The forest_predict method#
The forest_predict method looks a lot more intimidating, but is just as straightforward as the predict method. Here is the code:
def predict_quantile(
tree: DecisionTree, X: np.ndarray, n_obs: int
) -> list:
# Check if quantile is an array
indices = []
for i in range(n_obs):
cur_node = tree.root
while isinstance(cur_node, DecisionNode):
cur_split_idx = cur_node.split_idx
cur_threshold = cur_node.threshold
if X[i, cur_split_idx] < cur_threshold:
cur_node = cur_node.left_child
else:
cur_node = cur_node.right_child
indices.append(cur_node.indices)
return indices
cdef class PredictorQuantile(Predictor):
@staticmethod
def forest_predict(cnp.ndarray X_old, cnp.ndarray Y_old, cnp.ndarray X_new,
trees: list[DecisionTree], parallel: ParallelModel,
**kwargs) -> np.ndarray:
cdef:
int i, j, n_obs, n_trees
list prediction_indices, pred_indices_combined, indices_combined
if "quantile" not in kwargs.keys():
raise ValueError(
"quantile called without quantile passed as argument"
)
quantile = kwargs['quantile']
n_obs = X_new.shape[0]
prediction_indices = parallel.async_map(predict_quantile,
map_input=trees, X=X_new,
n_obs=n_obs)
# In case the leaf nodes have multiple elements and not just one, we
# have to combine them together
n_trees = len(prediction_indices)
pred_indices_combined = []
for i in range(n_obs):
indices_combined = []
for j in range(n_trees):
indices_combined.extend(prediction_indices[j][i])

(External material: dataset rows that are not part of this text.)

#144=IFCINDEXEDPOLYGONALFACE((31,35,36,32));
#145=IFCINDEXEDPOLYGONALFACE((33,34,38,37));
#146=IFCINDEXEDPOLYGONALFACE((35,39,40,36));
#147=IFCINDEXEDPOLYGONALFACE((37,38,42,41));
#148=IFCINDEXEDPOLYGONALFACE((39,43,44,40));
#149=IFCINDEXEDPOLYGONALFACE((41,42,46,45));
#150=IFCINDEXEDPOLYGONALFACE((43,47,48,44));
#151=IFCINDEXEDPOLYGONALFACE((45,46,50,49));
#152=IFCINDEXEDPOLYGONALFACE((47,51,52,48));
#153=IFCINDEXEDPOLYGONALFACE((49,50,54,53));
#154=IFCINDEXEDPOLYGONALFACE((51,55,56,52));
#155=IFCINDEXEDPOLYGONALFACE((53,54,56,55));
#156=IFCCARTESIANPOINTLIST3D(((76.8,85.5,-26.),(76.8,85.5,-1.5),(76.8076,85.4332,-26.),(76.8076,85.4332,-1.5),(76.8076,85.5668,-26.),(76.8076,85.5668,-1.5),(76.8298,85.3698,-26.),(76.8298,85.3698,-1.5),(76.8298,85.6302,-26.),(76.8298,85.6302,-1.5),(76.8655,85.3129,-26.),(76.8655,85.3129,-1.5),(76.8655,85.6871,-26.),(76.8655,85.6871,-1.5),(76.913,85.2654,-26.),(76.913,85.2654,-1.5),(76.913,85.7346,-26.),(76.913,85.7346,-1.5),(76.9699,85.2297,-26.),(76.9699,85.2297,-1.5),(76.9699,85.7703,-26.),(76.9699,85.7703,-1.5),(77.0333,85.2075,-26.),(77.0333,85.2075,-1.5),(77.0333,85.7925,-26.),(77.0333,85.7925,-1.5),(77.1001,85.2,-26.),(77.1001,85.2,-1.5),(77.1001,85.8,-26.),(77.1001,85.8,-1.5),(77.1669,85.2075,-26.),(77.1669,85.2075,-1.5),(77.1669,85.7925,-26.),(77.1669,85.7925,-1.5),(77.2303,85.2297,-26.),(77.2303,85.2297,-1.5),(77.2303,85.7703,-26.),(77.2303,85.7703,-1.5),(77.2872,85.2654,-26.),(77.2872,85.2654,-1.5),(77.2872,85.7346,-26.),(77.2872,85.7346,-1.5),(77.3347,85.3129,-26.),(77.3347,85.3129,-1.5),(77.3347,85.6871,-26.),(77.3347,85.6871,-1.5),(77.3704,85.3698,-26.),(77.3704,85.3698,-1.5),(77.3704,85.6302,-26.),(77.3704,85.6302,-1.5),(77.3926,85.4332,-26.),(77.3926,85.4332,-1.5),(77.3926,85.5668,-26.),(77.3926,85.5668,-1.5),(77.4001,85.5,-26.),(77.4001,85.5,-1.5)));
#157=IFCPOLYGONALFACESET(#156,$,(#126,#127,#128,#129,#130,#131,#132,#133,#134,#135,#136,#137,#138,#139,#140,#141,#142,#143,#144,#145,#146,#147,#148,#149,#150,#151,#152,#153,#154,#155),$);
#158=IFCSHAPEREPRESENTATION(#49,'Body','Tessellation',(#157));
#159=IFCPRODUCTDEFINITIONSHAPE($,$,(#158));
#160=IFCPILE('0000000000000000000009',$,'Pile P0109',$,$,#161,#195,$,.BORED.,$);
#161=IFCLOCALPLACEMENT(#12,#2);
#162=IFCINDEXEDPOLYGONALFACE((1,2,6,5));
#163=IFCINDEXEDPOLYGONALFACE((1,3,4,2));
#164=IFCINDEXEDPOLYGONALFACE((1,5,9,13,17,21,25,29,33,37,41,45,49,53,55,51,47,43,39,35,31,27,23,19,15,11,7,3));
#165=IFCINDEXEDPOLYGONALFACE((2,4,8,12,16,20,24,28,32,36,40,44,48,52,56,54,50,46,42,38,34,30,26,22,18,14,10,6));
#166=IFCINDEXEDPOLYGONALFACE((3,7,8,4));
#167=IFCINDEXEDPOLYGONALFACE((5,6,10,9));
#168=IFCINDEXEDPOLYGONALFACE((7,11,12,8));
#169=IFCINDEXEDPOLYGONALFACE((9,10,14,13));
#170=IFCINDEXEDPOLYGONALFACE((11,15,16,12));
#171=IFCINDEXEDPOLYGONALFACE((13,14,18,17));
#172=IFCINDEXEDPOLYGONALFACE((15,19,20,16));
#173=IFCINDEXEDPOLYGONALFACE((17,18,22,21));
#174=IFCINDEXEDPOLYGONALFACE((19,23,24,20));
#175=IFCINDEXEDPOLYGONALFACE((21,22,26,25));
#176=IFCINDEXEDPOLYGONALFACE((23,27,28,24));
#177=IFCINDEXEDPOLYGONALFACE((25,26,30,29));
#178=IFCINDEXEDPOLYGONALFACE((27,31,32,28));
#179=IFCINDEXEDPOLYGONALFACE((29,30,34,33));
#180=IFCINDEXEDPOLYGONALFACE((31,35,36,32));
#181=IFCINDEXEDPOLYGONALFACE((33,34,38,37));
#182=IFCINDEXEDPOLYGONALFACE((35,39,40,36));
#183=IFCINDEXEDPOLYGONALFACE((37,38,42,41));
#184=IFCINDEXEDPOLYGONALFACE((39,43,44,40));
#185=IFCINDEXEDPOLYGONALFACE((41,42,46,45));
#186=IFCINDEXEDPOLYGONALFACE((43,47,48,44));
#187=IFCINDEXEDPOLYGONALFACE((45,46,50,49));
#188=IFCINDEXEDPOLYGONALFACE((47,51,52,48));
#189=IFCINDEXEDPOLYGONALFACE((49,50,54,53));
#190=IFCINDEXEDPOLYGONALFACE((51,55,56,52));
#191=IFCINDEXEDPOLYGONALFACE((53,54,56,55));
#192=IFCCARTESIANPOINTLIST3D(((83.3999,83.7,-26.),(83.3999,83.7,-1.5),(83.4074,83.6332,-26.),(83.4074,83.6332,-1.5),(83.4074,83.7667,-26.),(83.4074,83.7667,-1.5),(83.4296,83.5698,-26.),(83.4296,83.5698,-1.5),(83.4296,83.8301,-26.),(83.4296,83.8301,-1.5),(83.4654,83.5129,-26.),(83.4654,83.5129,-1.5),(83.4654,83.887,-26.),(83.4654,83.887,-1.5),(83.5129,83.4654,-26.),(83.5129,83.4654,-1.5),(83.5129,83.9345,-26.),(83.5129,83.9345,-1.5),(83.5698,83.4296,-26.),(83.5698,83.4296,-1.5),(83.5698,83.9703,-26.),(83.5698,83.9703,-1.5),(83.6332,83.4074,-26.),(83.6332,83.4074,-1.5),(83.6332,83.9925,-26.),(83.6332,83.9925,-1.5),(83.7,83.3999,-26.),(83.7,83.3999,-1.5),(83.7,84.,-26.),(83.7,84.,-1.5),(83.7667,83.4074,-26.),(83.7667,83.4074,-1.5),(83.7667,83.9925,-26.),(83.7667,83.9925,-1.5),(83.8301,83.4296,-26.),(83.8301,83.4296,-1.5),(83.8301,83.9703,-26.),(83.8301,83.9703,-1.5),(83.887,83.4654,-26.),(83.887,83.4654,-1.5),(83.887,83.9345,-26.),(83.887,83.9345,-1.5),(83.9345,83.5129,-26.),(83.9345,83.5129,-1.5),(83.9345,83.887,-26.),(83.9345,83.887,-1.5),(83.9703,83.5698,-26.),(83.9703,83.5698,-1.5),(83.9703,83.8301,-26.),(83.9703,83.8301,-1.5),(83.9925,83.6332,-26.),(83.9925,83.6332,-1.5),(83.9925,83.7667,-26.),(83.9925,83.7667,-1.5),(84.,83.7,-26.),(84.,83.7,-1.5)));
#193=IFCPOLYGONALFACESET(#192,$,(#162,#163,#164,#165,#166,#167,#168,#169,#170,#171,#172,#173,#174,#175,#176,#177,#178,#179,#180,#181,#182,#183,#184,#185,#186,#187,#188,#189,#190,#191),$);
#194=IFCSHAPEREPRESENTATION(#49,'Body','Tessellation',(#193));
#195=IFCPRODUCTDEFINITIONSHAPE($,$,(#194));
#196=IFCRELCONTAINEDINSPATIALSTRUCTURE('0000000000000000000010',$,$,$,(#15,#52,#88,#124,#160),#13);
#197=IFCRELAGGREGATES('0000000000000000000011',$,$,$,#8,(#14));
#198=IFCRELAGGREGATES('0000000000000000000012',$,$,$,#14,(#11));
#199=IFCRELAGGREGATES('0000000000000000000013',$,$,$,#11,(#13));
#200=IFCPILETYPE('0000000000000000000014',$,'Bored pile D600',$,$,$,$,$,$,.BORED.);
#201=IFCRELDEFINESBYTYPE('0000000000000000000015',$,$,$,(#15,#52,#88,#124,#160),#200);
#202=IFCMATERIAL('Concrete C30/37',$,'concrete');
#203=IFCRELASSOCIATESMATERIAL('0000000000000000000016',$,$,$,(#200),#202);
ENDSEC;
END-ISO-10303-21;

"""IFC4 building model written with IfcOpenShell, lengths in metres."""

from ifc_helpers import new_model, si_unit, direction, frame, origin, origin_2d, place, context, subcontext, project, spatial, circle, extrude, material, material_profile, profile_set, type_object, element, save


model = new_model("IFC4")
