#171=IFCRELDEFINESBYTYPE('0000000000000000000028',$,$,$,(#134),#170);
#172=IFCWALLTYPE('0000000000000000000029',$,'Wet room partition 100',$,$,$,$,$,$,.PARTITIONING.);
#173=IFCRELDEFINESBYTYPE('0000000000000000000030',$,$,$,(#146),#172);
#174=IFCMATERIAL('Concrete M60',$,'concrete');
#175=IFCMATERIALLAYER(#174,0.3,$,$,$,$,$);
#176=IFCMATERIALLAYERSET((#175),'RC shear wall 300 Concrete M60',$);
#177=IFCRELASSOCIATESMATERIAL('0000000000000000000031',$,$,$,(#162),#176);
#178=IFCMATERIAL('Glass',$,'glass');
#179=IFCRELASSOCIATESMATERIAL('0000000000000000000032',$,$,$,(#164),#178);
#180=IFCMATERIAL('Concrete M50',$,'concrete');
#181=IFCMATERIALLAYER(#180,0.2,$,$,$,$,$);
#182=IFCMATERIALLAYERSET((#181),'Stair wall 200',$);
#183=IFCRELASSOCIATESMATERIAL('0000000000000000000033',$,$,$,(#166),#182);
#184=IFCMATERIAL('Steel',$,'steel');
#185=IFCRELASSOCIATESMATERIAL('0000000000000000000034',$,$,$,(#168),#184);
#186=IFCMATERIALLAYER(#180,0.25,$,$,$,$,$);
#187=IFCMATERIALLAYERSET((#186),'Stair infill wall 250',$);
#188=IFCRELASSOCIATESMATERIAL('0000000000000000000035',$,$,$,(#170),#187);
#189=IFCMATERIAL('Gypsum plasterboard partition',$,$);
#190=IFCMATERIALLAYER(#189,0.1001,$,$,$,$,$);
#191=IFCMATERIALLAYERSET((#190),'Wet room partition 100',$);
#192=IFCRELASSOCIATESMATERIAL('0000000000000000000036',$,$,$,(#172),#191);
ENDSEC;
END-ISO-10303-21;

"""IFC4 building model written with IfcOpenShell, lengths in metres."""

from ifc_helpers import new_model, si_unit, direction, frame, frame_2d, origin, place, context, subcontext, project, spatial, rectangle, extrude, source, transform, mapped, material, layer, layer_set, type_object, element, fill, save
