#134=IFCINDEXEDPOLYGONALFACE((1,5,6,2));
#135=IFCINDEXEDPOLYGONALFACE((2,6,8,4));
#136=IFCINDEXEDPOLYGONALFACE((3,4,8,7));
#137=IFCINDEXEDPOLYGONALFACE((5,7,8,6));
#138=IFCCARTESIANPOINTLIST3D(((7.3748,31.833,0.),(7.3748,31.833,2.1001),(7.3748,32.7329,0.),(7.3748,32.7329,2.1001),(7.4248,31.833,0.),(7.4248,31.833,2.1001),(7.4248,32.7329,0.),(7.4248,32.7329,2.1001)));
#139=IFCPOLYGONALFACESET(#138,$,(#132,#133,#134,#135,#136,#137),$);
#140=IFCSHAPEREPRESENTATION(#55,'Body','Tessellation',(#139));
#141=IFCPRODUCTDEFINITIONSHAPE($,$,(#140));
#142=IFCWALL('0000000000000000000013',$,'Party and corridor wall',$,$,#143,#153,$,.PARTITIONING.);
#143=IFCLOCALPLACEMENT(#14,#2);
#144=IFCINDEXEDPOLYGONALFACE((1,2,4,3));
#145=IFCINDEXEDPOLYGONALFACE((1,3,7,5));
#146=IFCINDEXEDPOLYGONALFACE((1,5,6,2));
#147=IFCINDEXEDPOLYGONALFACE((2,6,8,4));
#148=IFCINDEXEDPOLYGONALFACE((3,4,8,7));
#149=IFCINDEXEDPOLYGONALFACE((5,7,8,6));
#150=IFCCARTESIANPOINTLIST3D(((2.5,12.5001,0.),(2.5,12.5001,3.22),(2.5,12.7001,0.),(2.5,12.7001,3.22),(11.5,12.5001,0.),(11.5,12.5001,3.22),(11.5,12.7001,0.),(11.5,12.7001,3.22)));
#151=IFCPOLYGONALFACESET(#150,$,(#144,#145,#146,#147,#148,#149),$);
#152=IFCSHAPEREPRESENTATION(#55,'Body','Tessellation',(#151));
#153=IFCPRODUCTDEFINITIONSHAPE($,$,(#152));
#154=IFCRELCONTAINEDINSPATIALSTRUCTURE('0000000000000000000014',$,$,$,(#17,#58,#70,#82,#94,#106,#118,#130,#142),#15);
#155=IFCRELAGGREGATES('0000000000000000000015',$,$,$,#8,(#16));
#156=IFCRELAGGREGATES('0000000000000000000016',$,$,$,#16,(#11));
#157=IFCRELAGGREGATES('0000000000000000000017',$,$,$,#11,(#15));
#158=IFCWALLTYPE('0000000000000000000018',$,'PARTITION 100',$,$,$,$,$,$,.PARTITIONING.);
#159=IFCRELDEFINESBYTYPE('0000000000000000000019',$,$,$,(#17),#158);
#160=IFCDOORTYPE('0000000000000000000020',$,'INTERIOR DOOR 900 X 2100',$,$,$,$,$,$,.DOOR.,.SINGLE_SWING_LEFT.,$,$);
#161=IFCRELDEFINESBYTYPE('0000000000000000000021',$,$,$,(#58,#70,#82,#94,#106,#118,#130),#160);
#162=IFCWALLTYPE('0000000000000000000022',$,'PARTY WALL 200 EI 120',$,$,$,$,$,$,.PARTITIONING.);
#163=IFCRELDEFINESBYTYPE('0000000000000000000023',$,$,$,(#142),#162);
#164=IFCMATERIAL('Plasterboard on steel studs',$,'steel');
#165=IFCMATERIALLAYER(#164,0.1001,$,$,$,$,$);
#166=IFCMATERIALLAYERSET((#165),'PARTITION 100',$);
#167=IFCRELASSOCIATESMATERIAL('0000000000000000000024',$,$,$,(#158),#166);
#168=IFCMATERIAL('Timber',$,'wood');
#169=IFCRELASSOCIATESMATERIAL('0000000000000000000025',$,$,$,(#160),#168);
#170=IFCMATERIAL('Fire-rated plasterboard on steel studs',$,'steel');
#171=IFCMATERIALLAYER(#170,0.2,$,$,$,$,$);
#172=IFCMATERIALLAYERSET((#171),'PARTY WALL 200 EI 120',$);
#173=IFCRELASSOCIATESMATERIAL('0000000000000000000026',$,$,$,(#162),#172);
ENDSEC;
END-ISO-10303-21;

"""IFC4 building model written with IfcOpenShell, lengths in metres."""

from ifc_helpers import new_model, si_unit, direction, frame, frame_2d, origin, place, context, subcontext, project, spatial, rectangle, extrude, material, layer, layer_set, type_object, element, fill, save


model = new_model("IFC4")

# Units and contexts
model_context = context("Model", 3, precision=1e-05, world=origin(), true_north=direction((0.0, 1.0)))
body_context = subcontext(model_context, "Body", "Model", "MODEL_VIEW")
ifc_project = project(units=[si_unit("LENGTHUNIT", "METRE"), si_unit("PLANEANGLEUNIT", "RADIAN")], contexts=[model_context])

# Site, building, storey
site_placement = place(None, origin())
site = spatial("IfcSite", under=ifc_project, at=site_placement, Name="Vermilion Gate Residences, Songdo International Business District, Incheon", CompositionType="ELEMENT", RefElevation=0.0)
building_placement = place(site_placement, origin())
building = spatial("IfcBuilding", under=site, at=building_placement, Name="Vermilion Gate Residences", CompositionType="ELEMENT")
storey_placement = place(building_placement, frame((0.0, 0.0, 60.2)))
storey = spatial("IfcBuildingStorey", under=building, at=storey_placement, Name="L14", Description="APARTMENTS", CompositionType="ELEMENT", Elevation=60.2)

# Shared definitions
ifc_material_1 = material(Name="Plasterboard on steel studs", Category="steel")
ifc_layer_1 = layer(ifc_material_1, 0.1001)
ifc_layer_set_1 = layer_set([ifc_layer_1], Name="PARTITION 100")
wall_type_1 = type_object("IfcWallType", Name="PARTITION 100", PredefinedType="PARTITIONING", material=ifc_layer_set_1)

pred_indices_combined.append(indices_combined)
ret = np.quantile(Y_old[pred_indices_combined], quantile)
return np.array(ret, dtype=DOUBLE)
The forest_predict method is a staticmethod, meaning that it is tied to the Predictor class itself and not a specific instance of the class. The reason for this is that it allows us to fully control the parallization over trees. For the PredictorQuantile, for example, we want to be able to control this ourselves.
As before we define the variables used and check the input for the kwarg
quantile
. However, this time we needed to define a globally available function
predict_quantile
at the top level of the file. It has to be a globally available
for the multiprocessing to work probably. This function traverses a given tree,
and finds the LeafNode each element of X would end up in and adds the indices
of the elements already in the LeafNode. We then call predict_quantile
using the parallel.async_map, which is adaXTs way of making
parallelization more manageable. It makes use of the
Parallel class. The async_map calls
predict_quantile
with all the trees in parallel, and returns the result. This
means, that prediction_indices
will contain a list with the length equal
to the number of trees in the forest. Each element of the list will be a single
trees prediction for the input array X. We then create a list
pred_indices_combined
where we combine all the predictions for X.
To get the final result, we then just call numpy's quantile implementation.